Digital Twins for Radiation Oncology
DOI: https://doi.org/10.1145/3543873.3587688
WWW '23 Companion: Companion Proceedings of the ACM Web Conference 2023, Austin, USA, April 2023
Digital twin technology has revolutionized the state-of-the-art practice in many industries, and digital twins have a natural application to modeling cancer patients. By simulating patients at a more fundamental level than conventional machine learning models, digital twins can provide unique insights by predicting each patient's outcome trajectory. This has numerous associated benefits, including patient-specific clinical decision-making support and the potential for large-scale virtual clinical trials. Historically, it has not been feasible to use digital twin technology to model cancer patients because of the large number of variables that impact each patient's outcome trajectory, including genotypic, phenotypic, social, and environmental factors. However, the path to digital twins in radiation oncology is becoming possible due to recent progress, such as multiscale modeling techniques that estimate patient-specific cellular, molecular, and histological distributions, and modern cryptographic techniques that enable secure and efficient centralization of patient data across multiple institutions. With these and other future scientific advances, digital twins for radiation oncology will likely become feasible. This work discusses the likely generalized architecture of patient-specific digital twins and digital twin networks, as well as the benefits, existing barriers, and potential gateways to the application of digital twin technology in radiation oncology.
ACM Reference Format:
P. James Jensen and Jun Deng. 2023. Digital Twins for Radiation Oncology. In Companion Proceedings of the ACM Web Conference 2023 (WWW '23 Companion), April 30-May 04, 2023, Austin, TX, USA. ACM, New York, NY, USA, 7 Pages. https://doi.org/10.1145/3543873.3587688
1 INTRODUCTION
Digital twin technology has recently innovated many industries, such as transportation engineering (aerospace [1], automobile [2], and rail [3]), architectural design [4], and workplace safety [5]. Digital twins are aptly-named - they are virtual representations of a complicated system's components and environment. In each industry, digital twins are used to robustly predict the state and performance of the modeled system. For example, digital twins can predict the fuel efficiency of a jet design, or the hazardousness of a particular assembly line configuration in a warehouse.
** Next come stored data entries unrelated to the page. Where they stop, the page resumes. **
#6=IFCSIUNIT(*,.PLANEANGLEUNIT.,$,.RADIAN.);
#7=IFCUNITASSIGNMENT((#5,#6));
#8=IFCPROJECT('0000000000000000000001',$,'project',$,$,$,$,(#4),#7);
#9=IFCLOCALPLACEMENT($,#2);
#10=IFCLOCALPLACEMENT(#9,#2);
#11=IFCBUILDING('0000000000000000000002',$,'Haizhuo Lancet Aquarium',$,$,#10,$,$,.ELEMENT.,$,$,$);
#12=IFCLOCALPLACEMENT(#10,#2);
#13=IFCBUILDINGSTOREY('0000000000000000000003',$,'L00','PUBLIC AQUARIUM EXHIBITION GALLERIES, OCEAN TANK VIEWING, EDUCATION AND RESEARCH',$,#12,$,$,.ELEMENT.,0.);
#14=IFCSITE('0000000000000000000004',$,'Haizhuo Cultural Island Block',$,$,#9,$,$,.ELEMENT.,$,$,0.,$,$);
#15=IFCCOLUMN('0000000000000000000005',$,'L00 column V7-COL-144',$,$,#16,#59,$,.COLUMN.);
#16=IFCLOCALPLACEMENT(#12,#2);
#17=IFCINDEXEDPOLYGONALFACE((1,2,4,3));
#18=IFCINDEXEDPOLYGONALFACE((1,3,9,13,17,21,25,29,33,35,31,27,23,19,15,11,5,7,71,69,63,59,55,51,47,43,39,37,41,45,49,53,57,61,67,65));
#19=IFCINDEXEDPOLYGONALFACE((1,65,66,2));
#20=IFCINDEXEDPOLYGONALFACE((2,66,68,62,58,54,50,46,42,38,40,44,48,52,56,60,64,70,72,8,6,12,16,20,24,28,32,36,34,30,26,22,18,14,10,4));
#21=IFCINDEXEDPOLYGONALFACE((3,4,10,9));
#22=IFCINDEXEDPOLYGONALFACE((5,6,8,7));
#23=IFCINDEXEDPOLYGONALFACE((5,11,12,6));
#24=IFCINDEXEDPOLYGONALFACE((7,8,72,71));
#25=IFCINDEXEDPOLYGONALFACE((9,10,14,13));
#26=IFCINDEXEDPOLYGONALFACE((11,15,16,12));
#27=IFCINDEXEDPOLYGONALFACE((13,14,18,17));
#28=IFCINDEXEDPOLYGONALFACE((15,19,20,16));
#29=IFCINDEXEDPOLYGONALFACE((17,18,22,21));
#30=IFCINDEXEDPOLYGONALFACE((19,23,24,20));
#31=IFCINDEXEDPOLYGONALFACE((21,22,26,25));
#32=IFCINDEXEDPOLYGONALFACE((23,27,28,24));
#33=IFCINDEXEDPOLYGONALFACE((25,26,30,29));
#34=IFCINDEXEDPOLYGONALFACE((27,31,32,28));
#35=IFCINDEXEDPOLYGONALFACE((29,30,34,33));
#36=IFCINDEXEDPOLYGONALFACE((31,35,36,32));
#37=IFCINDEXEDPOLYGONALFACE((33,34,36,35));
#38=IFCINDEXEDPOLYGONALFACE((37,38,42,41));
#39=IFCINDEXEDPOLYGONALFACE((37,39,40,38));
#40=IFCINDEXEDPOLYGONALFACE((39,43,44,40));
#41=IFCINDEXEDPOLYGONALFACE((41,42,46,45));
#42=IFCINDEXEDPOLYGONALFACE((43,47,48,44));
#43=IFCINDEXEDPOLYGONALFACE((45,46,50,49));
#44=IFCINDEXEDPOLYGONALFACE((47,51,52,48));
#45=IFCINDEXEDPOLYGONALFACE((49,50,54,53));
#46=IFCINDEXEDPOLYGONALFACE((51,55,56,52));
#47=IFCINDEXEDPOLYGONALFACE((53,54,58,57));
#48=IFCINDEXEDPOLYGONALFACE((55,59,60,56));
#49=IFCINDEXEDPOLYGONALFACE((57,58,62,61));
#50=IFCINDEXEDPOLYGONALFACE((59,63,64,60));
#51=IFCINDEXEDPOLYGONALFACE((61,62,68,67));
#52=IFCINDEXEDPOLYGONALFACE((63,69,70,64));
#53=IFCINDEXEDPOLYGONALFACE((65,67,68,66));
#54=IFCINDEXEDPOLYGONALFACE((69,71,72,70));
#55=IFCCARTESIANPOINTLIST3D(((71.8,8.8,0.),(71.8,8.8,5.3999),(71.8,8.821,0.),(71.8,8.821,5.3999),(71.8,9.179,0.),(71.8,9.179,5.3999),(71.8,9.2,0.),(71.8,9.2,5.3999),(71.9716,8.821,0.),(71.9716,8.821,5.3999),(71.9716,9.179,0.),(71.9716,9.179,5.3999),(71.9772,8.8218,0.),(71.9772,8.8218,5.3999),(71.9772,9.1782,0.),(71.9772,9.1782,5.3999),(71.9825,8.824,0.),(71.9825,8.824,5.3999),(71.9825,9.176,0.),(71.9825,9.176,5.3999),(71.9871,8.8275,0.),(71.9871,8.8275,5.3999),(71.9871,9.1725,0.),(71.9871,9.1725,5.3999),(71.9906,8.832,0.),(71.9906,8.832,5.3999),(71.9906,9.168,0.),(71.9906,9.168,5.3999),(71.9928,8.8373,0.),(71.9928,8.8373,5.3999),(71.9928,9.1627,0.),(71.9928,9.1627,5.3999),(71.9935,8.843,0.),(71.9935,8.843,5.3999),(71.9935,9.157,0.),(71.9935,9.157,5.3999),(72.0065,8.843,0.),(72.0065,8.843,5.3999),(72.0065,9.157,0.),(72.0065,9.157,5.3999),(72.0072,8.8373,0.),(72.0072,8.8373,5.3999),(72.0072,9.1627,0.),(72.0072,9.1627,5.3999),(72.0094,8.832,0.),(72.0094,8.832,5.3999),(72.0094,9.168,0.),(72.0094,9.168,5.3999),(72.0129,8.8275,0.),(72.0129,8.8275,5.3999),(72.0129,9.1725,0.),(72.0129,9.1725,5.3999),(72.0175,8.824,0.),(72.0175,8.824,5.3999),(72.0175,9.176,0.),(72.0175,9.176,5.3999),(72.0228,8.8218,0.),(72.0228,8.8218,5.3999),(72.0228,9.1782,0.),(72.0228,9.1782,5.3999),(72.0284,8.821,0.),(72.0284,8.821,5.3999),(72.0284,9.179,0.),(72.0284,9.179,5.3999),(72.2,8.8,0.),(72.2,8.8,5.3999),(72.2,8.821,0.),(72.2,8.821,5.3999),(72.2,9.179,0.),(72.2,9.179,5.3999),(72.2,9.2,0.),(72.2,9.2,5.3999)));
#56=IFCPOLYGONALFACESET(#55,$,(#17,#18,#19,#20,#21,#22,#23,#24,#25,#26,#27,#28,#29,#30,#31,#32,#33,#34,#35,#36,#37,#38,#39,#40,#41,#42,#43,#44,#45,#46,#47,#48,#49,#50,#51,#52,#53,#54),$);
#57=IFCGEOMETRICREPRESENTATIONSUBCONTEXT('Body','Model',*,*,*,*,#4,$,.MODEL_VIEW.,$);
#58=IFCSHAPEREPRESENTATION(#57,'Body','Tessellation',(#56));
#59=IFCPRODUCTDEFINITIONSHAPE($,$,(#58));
Digital twin technology has a natural application to biomedical science. Human beings are immensely complex, and this complexity reduces the accuracy of statistical models that focus solely on a subset of this complexity, such as macroscopic/systemic data or histological data. As a result, it is difficult to predict the progression of certain types of diseases despite medicine's numerous scientific advances, and the outcomes of existing treatment options can be uncertain. Digital twins have the potential to provide superior models to existing statistical or machine learning models by more closely modeling the actual complexity of humans.
This is particularly true in radiation oncology. Cancer patients are a wide cohort with great interpatient variability, and there are numerous subtle differentiating factors between patients that strongly impact clinical outcomes. Current clinical decision-making does not completely account for this variability. As a result, many cancer patients experience unexpected responses to radiation, such as cancer recurrence and toxic side effects. To combat this challenging class of diseases, radiation oncology has become a field of precision medicine, where each individual patient's treatment course is determined by patient-specific features [6]. In radiation oncology, the oncologist's team uses patient-specific data to craft a custom-tailored radiation treatment plan designed to avoid critical organs-at-risk and maximally target the patient's cancer. The treatment planners use demographic data, histological biopsies, and three-dimensional tomographic imaging (such as CT, PET, and MR imaging) to create an optimal plan based on their experience. However, this data alone is not enough to precisely determine the results of treatment, so clinical decisions are more strongly influenced by the physician's personal experience, which introduces bias into the patient's treatment according to the physician's particular style. This ultimately contributes to the unpredictable treatment results in radiation oncology, decreasing cure rates and increasing toxic side effect rates.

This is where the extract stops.